A pandemia trouxe o desemprego, é verdade, mas veio também a realização de um sonho antigo. Veluma agora dá os primeiros passos na formação de palavras e frases. Dia desses até conseguiu ler o nome de sua rua.

Outras fomes

Afetada no estômago pela crise financeira, a transexual foi atrás de cestas básicas que estavam sendo doadas por professoras da Universidade Federal de Uberlândia (UFU).

Mas como escreveu o poeta Carlos Drummond de Andrade, havia outras fomes. “Eu disse que meu sonho era aprender a ler”, relembra a auxiliar de serviços gerais. A vontade sempre existiu, mas com o surgimento do aplicativo de mensagens, o incômodo ficou maior. Não conseguir ler no WhatsApp deixava Veluma ressabiada.

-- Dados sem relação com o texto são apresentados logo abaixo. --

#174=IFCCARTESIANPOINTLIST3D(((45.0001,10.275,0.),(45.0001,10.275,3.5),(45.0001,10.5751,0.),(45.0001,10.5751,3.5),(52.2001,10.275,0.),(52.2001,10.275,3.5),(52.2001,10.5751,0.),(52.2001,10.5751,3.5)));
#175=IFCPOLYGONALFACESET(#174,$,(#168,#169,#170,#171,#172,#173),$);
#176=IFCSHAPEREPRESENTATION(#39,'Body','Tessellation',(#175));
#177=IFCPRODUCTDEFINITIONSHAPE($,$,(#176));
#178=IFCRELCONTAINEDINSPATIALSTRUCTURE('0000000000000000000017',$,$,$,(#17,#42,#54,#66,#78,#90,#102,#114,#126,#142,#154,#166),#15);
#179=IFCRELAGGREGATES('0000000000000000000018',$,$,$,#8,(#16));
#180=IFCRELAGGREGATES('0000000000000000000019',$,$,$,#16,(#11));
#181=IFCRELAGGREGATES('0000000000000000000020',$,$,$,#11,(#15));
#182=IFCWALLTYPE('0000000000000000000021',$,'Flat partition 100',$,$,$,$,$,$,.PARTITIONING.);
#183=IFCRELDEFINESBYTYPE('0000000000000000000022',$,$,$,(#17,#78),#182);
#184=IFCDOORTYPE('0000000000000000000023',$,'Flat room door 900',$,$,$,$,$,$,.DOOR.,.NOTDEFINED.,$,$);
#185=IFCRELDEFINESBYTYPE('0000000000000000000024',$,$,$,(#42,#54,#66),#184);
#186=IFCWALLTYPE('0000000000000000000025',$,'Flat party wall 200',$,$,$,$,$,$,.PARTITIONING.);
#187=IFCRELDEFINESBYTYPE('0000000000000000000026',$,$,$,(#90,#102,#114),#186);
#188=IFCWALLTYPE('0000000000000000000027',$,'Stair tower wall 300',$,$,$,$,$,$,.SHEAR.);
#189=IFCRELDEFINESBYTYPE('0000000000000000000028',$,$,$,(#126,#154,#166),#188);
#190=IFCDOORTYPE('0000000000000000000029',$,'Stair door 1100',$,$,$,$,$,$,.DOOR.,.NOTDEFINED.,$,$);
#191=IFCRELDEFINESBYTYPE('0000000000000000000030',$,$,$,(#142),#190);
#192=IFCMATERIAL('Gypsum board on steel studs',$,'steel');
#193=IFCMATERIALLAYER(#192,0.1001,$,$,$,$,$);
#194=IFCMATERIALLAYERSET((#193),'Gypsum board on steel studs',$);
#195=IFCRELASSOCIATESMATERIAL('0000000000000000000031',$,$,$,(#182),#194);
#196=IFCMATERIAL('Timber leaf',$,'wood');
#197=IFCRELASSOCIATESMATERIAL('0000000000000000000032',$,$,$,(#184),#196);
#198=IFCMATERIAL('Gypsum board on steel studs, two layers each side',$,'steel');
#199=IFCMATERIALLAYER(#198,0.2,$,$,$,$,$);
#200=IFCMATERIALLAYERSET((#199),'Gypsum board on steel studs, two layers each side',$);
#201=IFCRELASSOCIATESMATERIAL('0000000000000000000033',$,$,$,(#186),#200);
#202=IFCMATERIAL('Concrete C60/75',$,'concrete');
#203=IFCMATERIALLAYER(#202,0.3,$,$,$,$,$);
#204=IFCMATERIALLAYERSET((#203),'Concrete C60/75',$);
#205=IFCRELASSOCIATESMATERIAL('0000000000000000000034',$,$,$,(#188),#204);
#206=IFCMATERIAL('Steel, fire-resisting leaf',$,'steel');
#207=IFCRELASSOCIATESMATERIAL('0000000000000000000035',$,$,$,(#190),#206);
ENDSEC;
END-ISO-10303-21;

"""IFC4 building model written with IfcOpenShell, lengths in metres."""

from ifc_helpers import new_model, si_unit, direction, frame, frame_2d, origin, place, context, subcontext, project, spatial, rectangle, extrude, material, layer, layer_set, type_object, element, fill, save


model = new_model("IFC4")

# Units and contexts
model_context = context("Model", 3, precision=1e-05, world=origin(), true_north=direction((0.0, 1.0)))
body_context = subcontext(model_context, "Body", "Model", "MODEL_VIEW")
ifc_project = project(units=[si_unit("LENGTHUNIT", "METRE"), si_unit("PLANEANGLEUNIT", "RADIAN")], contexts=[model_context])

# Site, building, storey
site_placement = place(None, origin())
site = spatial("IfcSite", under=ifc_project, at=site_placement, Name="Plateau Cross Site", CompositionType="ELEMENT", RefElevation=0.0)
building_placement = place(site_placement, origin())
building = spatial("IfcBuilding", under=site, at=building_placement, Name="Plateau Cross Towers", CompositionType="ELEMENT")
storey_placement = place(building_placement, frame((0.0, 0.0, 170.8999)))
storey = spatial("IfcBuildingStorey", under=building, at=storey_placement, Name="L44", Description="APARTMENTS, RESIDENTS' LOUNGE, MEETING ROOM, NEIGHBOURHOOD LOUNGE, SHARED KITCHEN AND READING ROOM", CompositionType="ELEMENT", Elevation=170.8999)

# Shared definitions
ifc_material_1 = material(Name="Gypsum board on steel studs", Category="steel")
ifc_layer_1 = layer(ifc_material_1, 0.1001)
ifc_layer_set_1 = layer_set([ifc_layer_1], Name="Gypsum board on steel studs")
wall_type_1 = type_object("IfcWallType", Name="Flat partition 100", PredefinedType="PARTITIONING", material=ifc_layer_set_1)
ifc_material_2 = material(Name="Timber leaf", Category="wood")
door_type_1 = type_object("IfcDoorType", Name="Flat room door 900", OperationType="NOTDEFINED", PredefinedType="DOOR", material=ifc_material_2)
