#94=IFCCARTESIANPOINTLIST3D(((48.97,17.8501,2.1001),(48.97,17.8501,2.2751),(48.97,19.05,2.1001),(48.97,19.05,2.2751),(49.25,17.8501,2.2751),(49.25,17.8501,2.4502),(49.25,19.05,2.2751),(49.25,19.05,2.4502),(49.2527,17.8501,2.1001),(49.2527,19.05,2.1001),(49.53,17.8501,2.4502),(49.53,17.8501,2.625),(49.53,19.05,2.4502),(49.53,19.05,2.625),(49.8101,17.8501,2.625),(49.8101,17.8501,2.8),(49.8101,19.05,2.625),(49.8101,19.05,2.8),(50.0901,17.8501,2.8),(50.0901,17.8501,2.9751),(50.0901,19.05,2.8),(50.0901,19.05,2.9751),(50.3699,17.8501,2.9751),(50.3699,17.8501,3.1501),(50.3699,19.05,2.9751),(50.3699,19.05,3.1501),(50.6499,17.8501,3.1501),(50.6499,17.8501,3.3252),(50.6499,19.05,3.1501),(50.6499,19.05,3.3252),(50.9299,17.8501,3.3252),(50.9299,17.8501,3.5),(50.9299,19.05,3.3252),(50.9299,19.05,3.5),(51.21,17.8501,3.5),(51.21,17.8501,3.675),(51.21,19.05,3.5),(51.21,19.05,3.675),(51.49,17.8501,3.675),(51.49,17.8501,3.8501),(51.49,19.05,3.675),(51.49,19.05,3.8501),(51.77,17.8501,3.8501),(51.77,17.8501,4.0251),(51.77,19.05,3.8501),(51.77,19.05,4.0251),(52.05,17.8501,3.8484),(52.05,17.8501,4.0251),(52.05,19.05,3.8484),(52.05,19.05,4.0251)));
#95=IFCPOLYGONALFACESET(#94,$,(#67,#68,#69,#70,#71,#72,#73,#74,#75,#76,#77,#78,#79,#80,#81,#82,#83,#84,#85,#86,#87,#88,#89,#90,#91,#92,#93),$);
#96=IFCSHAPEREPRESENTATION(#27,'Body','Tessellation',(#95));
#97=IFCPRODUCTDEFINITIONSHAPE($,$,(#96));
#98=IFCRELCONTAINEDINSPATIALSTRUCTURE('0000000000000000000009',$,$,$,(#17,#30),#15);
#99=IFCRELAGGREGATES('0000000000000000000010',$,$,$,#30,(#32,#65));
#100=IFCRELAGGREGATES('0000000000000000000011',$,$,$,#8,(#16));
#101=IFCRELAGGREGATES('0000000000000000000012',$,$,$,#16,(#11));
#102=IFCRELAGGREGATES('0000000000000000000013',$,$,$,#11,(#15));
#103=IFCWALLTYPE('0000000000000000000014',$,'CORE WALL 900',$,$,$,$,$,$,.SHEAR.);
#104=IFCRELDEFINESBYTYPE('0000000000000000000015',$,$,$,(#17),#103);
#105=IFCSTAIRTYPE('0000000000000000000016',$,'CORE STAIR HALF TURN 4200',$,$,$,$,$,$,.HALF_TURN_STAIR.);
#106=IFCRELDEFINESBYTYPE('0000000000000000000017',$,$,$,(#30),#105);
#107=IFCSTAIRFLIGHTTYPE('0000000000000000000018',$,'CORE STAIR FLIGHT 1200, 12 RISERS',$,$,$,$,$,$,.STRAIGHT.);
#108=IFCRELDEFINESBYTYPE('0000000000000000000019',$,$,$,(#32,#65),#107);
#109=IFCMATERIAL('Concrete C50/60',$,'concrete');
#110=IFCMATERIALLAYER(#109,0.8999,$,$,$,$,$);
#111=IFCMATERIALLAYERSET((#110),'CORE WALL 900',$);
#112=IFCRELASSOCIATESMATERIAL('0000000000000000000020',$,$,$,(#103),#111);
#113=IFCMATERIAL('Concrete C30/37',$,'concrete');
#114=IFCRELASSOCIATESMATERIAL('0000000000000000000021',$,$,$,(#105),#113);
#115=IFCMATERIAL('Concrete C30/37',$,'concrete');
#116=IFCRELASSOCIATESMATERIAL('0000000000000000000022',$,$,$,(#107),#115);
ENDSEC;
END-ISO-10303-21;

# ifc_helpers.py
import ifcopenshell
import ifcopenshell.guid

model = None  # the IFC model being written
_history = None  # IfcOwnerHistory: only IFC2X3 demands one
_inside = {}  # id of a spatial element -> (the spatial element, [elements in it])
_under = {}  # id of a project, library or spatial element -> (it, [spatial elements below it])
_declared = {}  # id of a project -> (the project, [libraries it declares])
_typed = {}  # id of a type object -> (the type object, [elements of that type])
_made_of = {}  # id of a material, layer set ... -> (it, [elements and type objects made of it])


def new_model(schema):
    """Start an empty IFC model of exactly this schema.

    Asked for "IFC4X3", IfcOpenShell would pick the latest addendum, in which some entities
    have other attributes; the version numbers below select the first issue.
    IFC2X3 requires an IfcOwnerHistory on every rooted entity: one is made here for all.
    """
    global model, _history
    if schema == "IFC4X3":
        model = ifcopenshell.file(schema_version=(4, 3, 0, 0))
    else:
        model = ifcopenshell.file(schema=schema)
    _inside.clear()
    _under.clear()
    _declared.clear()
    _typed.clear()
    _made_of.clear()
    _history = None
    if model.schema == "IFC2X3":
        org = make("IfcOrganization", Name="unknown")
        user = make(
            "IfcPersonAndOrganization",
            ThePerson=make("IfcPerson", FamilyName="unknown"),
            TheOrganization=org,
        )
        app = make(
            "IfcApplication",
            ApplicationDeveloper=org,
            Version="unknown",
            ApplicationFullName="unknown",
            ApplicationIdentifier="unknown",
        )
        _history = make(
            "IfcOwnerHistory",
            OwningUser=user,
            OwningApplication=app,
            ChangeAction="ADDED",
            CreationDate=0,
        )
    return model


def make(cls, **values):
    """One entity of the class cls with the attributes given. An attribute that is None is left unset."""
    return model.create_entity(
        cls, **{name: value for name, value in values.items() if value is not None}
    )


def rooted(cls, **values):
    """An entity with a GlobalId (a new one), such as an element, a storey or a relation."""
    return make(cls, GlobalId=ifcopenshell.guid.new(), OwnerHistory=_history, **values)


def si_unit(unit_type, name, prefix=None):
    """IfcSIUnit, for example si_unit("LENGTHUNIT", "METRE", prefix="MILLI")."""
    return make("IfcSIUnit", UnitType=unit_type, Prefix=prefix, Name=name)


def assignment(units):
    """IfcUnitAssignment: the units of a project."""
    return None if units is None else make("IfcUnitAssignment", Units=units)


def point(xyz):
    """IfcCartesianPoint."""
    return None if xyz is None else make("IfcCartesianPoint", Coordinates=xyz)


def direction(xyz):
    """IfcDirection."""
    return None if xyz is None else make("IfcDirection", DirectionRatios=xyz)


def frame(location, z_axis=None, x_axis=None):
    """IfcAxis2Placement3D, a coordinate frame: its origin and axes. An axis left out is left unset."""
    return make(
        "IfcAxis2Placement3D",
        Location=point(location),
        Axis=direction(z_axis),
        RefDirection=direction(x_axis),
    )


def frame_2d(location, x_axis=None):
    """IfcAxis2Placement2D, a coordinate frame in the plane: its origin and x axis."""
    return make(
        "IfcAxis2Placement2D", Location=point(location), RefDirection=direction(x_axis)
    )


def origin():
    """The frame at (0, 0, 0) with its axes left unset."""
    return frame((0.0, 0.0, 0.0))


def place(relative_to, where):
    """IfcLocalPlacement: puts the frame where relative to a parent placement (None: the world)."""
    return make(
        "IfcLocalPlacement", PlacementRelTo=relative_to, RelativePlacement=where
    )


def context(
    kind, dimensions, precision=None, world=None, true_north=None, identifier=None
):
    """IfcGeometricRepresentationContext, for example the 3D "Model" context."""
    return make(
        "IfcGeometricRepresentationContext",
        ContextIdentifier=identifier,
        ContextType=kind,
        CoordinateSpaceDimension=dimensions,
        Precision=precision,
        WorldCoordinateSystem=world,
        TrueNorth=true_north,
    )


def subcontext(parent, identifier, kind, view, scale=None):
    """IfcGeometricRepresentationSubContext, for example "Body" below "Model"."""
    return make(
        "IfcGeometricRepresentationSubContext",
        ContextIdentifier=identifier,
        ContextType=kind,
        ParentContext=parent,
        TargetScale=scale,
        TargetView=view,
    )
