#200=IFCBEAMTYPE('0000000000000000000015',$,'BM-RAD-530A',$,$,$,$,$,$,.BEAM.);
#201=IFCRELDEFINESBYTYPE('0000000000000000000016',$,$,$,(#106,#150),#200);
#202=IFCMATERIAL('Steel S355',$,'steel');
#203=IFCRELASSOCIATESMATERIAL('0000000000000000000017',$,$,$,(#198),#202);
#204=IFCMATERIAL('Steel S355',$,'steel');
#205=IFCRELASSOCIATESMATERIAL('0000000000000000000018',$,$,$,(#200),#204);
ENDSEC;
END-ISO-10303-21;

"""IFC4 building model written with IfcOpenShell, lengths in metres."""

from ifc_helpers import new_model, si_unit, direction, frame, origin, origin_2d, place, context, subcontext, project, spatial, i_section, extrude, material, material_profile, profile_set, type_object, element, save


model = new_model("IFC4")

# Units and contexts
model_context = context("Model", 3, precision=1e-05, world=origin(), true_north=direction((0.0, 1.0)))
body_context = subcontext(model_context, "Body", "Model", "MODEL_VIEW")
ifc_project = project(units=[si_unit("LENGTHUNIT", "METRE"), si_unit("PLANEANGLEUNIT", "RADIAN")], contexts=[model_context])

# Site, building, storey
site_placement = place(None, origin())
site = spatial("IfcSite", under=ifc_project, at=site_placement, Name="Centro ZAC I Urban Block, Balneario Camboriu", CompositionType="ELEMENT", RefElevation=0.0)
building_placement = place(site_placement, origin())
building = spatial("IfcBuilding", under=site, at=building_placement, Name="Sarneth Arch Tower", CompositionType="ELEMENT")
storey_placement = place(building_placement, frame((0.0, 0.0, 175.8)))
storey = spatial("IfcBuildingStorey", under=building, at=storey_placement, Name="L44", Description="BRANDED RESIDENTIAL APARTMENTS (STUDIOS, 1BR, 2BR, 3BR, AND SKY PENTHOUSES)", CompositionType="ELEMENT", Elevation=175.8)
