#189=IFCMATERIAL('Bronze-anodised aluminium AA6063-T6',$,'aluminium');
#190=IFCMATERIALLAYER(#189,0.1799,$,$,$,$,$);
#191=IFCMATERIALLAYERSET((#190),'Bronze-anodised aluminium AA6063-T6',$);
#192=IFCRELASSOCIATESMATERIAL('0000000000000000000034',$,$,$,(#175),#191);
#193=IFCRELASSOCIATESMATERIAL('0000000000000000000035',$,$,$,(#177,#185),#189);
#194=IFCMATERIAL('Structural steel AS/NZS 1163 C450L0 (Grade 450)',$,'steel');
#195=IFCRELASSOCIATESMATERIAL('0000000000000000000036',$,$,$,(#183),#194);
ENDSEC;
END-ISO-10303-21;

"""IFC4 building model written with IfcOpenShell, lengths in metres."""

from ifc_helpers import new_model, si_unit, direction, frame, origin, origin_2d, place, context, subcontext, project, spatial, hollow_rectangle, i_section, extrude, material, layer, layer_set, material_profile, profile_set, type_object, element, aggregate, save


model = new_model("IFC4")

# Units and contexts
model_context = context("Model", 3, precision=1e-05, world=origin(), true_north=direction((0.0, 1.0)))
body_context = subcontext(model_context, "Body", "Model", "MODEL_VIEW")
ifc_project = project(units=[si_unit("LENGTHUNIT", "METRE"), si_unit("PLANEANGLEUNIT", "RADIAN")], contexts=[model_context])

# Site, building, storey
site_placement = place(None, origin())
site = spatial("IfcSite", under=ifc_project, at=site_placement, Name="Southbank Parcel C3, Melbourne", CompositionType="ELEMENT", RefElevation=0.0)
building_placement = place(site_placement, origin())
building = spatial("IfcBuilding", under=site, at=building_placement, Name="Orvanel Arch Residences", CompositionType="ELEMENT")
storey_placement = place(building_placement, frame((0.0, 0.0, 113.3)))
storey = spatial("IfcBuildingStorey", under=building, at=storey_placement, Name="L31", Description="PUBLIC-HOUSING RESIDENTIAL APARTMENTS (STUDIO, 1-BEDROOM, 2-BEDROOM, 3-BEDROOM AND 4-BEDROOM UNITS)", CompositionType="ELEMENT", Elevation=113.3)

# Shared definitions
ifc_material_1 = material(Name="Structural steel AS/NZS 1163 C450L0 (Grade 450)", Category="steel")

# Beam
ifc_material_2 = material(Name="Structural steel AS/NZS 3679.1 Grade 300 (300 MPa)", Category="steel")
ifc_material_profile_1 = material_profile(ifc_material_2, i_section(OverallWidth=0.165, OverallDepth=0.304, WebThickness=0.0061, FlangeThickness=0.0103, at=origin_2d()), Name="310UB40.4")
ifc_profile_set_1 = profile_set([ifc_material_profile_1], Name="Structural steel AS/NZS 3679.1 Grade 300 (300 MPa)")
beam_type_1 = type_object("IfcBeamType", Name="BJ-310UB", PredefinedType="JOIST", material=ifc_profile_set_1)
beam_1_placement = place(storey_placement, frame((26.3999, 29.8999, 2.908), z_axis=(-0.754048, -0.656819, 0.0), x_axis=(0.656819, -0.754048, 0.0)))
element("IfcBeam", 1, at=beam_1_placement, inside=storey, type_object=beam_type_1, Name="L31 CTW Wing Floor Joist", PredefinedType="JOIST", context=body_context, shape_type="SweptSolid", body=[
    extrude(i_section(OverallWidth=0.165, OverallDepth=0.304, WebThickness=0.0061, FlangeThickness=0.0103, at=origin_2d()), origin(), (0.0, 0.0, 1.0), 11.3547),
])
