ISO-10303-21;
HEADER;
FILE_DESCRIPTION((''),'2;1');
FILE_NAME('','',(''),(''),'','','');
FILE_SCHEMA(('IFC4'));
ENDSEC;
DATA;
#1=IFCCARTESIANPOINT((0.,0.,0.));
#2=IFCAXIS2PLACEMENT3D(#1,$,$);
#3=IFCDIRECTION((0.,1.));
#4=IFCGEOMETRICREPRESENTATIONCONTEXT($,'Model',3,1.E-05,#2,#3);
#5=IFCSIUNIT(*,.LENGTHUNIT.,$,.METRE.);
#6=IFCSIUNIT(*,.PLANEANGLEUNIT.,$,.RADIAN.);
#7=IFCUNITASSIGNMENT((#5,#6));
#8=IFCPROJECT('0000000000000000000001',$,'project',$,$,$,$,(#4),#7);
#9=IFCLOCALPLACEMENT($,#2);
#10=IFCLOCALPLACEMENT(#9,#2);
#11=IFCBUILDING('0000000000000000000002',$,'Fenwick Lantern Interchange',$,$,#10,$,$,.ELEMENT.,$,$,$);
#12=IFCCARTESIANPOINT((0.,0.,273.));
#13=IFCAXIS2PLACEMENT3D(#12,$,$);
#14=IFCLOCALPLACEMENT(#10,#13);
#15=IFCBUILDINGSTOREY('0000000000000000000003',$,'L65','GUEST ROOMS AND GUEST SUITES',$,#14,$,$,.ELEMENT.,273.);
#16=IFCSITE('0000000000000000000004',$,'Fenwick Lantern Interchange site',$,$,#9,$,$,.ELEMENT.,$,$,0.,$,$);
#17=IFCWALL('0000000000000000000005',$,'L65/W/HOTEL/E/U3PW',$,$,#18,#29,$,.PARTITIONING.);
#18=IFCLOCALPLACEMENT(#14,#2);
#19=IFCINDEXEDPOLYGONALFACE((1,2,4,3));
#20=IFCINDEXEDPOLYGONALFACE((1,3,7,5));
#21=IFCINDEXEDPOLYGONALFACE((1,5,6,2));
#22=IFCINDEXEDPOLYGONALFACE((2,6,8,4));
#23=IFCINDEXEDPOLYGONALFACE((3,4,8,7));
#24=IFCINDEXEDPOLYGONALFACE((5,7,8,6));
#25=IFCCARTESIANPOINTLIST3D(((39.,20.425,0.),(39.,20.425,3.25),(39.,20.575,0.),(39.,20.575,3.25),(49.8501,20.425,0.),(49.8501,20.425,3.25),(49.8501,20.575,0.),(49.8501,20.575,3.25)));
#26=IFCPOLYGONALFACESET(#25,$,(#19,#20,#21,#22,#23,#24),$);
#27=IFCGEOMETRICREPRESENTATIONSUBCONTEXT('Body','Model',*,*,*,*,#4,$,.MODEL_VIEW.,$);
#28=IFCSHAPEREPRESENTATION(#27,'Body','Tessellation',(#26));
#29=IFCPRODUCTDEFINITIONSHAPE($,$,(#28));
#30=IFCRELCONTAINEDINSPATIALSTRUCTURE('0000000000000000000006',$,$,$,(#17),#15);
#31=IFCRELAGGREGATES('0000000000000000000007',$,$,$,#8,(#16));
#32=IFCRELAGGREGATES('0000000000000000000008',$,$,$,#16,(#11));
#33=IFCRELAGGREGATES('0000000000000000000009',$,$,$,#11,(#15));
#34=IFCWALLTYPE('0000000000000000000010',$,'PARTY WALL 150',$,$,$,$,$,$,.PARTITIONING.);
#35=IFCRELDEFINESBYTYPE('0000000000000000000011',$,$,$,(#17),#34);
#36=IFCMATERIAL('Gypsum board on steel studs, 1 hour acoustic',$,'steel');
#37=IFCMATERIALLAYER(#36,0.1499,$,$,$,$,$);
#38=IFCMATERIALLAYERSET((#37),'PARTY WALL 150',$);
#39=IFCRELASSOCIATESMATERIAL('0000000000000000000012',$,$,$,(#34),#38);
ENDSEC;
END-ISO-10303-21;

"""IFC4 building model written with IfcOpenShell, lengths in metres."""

from ifc_helpers import new_model, si_unit, direction, frame, frame_2d, origin, place, context, subcontext, project, spatial, rectangle, extrude, material, layer, layer_set, type_object, element, save


model = new_model("IFC4")

# Units and contexts
model_context = context("Model", 3, precision=1e-05, world=origin(), true_north=direction((0.0, 1.0)))
body_context = subcontext(model_context, "Body", "Model", "MODEL_VIEW")
ifc_project = project(units=[si_unit("LENGTHUNIT", "METRE"), si_unit("PLANEANGLEUNIT", "RADIAN")], contexts=[model_context])

# Site, building, storey
site_placement = place(None, origin())
site = spatial("IfcSite", under=ifc_project, at=site_placement, Name="Fenwick Lantern Interchange site", CompositionType="ELEMENT", RefElevation=0.0)
building_placement = place(site_placement, origin())
building = spatial("IfcBuilding", under=site, at=building_placement, Name="Fenwick Lantern Interchange", CompositionType="ELEMENT")
storey_placement = place(building_placement, frame((0.0, 0.0, 273.0)))
storey = spatial("IfcBuildingStorey", under=building, at=storey_placement, Name="L65", Description="GUEST ROOMS AND GUEST SUITES", CompositionType="ELEMENT", Elevation=273.0)

# Wall
ifc_material_1 = material(Name="Gypsum board on steel studs, 1 hour acoustic", Category="steel")
ifc_layer_1 = layer(ifc_material_1, 0.1499)
ifc_layer_set_1 = layer_set([ifc_layer_1], Name="PARTY WALL 150")
wall_type_1 = type_object("IfcWallType", Name="PARTY WALL 150", PredefinedType="PARTITIONING", material=ifc_layer_set_1)
for number, where, z_axis, x_axis, name in (
    (1, (49.8501, 20.5, 0.0), (0.0, 0.0, 1.0), (-1.0, 0.0, 0.0), "L65/W/HOTEL/E/U3PW"),
):
    element("IfcWall", number, at=place(storey_placement, frame(where, z_axis=z_axis, x_axis=x_axis)), inside=storey, type_object=wall_type_1, Name=name, PredefinedType="PARTITIONING", context=body_context, shape_type="SweptSolid", body=[
        extrude(rectangle(XDim=10.8501, YDim=0.1499, at=frame_2d((5.425, 0.0))), origin(), (0.0, 0.0, 1.0), 3.25),
    ])

save(model, "model.ifc")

Próxima missão: encontrar alguém disposto a ministrar as aulas de leitura e escrita de forma voluntária. Rapidamente entrou na história uma jovem estudante de 19 anos. Nicolly Cinthia é aluna de pedagogia e aderiu de imediato ao chamado do projeto da UFU. Já tinha até experiência adquirida anteriormente, quando tentou ensinar sua avó e uma tia a ler e escrever. “É uma honra poder ajudar as pessoas e transmitir esse conhecimento, ainda que pequeno”, diz. “Essas meninas caíram do céu pra gente”, agradece Veluma.

Projeto carece de doações

Batizada de “Não é sexta, mas cesta”, a ação, coordenada pelas professoras Amanda Danuello e Flavia Bonsucesso, ambas da UFU, passa por dificuldades e precisa de ajuda. Ao longo do período de isolamento social, a demanda por alimentos mais que dobrou, enquanto a quantidade de donativos caiu. O projeto atendia 100 pessoas por mês, mas hoje são 235 beneficiadas – a maioria composta por travestis, mulheres transexuais e suas famílias. “É muito desesperador, pois não estamos dando conta da demanda”, revela Amanda.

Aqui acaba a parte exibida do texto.